From 84230ae4e3a10fccfb4750b832d2c70fe56df128 Mon Sep 17 00:00:00 2001
From: Evgeny Vereshchagin <evvers@ya.ru>
Date: Sun, 26 Dec 2021 01:11:00 +0000
Subject: [PATCH] ci: replace apt-key with signed-by

to limit the scope of the key to apt.llvm.org only.

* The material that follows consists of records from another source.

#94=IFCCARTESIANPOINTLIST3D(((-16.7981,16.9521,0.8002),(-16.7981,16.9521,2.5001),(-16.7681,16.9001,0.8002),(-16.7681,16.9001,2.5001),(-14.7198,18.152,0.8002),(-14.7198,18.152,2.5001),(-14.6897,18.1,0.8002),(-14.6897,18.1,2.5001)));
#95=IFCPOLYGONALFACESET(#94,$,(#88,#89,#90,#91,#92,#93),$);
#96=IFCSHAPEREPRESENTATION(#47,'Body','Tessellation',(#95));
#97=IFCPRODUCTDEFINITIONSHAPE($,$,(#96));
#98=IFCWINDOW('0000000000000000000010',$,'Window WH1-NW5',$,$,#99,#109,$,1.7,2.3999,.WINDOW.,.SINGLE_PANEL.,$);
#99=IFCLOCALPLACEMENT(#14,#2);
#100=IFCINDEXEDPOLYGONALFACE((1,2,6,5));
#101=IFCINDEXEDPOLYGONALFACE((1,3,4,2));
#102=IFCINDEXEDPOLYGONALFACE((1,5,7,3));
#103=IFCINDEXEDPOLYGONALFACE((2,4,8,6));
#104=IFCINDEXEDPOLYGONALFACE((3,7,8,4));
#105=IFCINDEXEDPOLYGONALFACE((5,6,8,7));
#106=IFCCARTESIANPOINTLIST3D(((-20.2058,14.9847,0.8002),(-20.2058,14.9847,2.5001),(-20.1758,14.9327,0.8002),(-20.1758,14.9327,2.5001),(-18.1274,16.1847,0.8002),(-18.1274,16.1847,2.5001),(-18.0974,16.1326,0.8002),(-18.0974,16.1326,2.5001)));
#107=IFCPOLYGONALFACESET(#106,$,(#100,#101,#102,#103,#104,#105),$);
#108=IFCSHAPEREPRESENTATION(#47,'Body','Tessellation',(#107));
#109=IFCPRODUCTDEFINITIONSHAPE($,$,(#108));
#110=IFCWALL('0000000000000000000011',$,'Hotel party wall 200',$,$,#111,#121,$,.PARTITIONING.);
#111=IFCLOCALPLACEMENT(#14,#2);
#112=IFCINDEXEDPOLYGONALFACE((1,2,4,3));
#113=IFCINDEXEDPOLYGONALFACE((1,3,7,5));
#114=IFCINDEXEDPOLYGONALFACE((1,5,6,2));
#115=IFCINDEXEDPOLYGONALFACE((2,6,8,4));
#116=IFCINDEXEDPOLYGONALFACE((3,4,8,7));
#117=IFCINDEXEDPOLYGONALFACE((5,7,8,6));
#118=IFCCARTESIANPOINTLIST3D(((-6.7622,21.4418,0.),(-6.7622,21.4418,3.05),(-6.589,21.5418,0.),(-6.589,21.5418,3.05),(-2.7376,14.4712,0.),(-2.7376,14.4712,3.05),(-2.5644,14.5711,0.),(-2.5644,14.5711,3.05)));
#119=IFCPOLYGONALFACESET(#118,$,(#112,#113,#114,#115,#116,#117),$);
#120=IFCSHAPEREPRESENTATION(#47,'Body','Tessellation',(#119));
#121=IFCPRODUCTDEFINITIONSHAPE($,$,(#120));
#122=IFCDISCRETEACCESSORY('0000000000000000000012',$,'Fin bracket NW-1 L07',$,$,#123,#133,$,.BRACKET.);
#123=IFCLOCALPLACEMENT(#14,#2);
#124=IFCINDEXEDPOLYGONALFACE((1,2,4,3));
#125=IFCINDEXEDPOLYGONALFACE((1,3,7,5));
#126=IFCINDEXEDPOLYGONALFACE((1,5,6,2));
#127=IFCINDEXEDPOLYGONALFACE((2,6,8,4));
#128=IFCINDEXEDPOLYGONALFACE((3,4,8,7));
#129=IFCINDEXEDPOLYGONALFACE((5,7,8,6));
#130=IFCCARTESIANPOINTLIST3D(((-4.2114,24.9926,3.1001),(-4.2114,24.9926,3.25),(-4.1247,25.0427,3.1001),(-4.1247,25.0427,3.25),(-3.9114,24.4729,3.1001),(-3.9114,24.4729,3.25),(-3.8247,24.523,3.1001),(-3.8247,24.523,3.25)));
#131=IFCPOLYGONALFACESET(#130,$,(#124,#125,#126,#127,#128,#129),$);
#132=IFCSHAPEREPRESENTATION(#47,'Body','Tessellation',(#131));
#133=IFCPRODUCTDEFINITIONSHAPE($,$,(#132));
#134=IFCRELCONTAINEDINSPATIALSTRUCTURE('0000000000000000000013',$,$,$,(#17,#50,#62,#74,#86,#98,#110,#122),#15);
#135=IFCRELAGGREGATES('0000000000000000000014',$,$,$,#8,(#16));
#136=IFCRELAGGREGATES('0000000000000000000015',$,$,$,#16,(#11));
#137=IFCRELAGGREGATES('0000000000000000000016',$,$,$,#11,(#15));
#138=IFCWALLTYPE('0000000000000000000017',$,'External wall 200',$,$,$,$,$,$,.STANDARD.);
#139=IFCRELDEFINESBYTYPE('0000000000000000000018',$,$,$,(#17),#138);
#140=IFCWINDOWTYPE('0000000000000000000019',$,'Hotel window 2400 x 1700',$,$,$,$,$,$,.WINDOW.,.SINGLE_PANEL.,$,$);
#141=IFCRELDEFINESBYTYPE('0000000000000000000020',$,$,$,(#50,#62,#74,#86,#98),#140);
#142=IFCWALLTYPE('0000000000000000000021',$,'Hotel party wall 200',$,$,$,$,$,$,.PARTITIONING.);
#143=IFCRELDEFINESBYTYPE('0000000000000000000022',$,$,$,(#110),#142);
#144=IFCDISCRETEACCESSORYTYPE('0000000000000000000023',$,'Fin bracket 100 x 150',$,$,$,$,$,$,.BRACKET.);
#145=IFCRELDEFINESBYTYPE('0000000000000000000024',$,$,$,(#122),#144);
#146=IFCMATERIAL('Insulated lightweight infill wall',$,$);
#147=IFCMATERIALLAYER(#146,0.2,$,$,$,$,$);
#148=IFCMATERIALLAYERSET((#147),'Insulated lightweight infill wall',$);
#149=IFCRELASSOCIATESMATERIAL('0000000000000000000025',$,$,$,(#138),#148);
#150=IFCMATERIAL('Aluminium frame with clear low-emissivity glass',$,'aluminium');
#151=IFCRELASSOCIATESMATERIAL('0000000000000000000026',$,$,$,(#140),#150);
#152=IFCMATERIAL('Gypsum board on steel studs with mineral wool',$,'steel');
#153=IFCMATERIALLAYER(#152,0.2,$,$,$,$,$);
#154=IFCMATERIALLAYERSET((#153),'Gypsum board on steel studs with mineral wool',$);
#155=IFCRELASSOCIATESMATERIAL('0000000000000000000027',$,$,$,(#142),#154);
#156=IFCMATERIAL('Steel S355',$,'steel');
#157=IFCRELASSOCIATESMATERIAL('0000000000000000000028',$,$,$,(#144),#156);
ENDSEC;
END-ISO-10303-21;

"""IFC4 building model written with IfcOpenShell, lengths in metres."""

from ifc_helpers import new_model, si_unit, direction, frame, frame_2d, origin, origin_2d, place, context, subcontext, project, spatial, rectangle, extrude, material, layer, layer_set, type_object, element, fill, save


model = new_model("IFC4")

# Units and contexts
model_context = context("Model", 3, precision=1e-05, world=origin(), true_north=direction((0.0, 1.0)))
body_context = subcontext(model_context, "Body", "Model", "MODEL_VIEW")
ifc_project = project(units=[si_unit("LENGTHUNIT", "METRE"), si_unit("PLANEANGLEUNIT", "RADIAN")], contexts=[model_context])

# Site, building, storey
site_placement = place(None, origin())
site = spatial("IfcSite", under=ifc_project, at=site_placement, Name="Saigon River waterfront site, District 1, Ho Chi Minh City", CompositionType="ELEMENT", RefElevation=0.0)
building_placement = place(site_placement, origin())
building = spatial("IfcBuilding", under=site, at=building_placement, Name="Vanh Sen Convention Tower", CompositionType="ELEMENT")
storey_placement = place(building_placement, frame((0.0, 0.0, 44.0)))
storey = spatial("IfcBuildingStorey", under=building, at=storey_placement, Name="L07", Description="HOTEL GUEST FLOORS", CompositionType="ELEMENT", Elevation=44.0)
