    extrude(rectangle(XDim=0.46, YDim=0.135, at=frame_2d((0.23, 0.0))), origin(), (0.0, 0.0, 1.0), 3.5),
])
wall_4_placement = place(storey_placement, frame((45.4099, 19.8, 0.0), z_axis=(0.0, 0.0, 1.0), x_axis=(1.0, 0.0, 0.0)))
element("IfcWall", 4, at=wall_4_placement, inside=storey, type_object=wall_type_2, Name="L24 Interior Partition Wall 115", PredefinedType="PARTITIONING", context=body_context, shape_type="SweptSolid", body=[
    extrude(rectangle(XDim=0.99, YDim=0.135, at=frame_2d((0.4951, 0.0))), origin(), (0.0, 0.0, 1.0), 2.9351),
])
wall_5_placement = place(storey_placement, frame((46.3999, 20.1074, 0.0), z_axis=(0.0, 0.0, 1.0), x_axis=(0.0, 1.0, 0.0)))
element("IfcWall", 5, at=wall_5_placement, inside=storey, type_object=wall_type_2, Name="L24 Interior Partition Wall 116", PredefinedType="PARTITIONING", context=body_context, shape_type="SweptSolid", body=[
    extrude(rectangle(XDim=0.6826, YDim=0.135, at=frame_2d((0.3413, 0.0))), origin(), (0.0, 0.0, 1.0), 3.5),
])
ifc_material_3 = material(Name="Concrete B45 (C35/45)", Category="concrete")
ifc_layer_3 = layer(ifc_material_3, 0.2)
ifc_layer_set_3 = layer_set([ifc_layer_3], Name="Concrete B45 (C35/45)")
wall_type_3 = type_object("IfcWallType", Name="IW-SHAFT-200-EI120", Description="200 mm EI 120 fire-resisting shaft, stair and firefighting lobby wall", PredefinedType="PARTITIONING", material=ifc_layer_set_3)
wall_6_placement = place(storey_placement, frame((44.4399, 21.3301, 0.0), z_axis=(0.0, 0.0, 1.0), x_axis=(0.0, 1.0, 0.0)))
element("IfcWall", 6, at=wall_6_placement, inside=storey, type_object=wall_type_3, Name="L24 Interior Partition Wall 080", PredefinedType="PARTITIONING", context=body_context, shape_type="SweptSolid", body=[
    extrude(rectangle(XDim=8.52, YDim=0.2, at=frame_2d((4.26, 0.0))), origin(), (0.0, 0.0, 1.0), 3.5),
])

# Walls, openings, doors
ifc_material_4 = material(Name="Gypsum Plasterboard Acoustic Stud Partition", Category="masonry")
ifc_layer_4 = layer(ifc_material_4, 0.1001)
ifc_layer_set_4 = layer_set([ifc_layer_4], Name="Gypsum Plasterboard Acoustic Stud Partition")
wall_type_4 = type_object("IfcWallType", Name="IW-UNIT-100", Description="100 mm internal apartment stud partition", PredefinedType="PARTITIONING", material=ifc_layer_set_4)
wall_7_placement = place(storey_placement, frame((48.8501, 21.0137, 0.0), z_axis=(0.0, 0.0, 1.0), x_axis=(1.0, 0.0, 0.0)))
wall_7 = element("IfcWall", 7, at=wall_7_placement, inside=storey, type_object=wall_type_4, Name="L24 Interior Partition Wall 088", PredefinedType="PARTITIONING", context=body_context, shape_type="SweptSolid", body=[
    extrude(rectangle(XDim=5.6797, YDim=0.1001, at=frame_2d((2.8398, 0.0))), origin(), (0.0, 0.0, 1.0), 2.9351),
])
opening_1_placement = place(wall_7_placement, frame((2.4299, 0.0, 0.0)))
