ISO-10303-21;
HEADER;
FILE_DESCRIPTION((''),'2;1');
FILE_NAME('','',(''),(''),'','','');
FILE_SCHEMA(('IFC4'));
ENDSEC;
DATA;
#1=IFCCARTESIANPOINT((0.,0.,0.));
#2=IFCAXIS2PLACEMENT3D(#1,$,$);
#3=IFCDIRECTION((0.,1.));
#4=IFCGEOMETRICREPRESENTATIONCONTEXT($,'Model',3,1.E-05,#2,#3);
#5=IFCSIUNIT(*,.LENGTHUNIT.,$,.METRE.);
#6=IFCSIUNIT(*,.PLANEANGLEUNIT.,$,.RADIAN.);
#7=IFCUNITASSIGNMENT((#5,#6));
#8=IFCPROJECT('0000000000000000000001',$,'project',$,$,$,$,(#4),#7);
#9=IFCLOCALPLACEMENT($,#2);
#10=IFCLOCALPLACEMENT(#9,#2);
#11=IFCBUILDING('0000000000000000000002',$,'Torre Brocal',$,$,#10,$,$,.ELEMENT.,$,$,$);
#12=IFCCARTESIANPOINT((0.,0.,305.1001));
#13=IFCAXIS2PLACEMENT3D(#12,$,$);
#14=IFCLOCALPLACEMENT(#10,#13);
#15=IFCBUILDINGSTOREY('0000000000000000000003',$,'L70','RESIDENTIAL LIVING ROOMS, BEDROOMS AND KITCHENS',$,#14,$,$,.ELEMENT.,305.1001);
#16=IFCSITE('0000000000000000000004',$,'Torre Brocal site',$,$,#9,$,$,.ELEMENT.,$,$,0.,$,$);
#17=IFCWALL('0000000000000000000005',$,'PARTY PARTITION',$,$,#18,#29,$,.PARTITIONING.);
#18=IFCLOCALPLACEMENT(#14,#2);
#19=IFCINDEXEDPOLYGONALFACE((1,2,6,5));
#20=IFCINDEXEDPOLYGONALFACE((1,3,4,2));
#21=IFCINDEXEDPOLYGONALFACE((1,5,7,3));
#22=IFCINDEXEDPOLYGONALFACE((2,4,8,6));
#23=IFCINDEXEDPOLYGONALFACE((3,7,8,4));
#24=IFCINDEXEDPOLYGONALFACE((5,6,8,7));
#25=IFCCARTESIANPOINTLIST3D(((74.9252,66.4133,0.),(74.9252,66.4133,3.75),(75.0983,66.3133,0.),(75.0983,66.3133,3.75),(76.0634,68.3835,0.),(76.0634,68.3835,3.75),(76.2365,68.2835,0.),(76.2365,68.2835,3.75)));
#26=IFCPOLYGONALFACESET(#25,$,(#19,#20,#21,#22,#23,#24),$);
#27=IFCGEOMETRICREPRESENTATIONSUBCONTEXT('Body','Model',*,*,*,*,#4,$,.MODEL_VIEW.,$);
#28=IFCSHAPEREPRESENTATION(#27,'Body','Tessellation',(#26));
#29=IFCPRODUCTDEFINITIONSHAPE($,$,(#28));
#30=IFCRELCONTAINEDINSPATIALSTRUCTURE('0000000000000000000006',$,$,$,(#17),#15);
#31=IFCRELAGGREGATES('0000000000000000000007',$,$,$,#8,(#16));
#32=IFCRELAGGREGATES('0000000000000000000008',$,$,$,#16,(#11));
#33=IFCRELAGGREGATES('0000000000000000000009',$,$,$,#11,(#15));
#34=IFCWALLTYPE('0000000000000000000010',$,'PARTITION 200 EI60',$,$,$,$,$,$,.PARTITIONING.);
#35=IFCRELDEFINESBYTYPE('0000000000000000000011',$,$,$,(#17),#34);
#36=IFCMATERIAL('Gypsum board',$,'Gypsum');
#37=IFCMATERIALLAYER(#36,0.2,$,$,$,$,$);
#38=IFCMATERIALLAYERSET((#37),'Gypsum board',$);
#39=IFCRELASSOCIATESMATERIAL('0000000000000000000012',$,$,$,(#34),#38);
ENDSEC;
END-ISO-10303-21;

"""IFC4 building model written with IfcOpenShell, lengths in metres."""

from ifc_helpers import new_model, si_unit, direction, frame, frame_2d, origin, place, context, subcontext, project, spatial, rectangle, extrude, material, layer, layer_set, type_object, element, save


model = new_model("IFC4")

# Units and contexts
model_context = context("Model", 3, precision=1e-05, world=origin(), true_north=direction((0.0, 1.0)))
body_context = subcontext(model_context, "Body", "Model", "MODEL_VIEW")
ifc_project = project(units=[si_unit("LENGTHUNIT", "METRE"), si_unit("PLANEANGLEUNIT", "RADIAN")], contexts=[model_context])

# Site, building, storey
site_placement = place(None, origin())
site = spatial("IfcSite", under=ifc_project, at=site_placement, Name="Torre Brocal site", CompositionType="ELEMENT", RefElevation=0.0)
building_placement = place(site_placement, origin())
building = spatial("IfcBuilding", under=site, at=building_placement, Name="Torre Brocal", CompositionType="ELEMENT")
storey_placement = place(building_placement, frame((0.0, 0.0, 305.1001)))
storey = spatial("IfcBuildingStorey", under=building, at=storey_placement, Name="L70", Description="RESIDENTIAL LIVING ROOMS, BEDROOMS AND KITCHENS", CompositionType="ELEMENT", Elevation=305.1001)

# Shared definitions
ifc_material_1 = material(Name="Gypsum board", Category="Gypsum")
ifc_layer_1 = layer(ifc_material_1, 0.2)
ifc_layer_set_1 = layer_set([ifc_layer_1], Name="Gypsum board")
wall_type_1 = type_object("IfcWallType", Name="PARTITION 200 EI60", PredefinedType="PARTITIONING", material=ifc_layer_set_1)

# Wall
wall_1_placement = place(storey_placement, frame((75.0117, 66.3633, 0.0), z_axis=(0.0, 0.0, 1.0), x_axis=(0.500224, 0.865896, 0.0)))
element("IfcWall", 1, at=wall_1_placement, inside=storey, type_object=wall_type_1, Name="PARTY PARTITION", PredefinedType="PARTITIONING", context=body_context, shape_type="SweptSolid", body=[
    extrude(rectangle(XDim=2.2754, YDim=0.2, at=frame_2d((1.1377, 0.0))), origin(), (0.0, 0.0, 1.0), 3.75),
])

save(model, "model.ifc")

This is mostly inspired by https://blog.cloudflare.com/dont-use-apt-key/

(cherry picked from commit bfa6bd1be098adc4710e1819b9cd34d65b3855da)
(cherry picked from commit c92297a20c13b7e15b0026b1f36ebe99d86cfce8)

Conflict:NA
Reference:https://github.com/systemd/systemd/commit/84230ae4e3a10fccfb4750b832d2c70fe56df128
---
 .github/workflows/build_test.sh | 7 ++++---
 1 file changed, 4 insertions(+), 3 deletions(-)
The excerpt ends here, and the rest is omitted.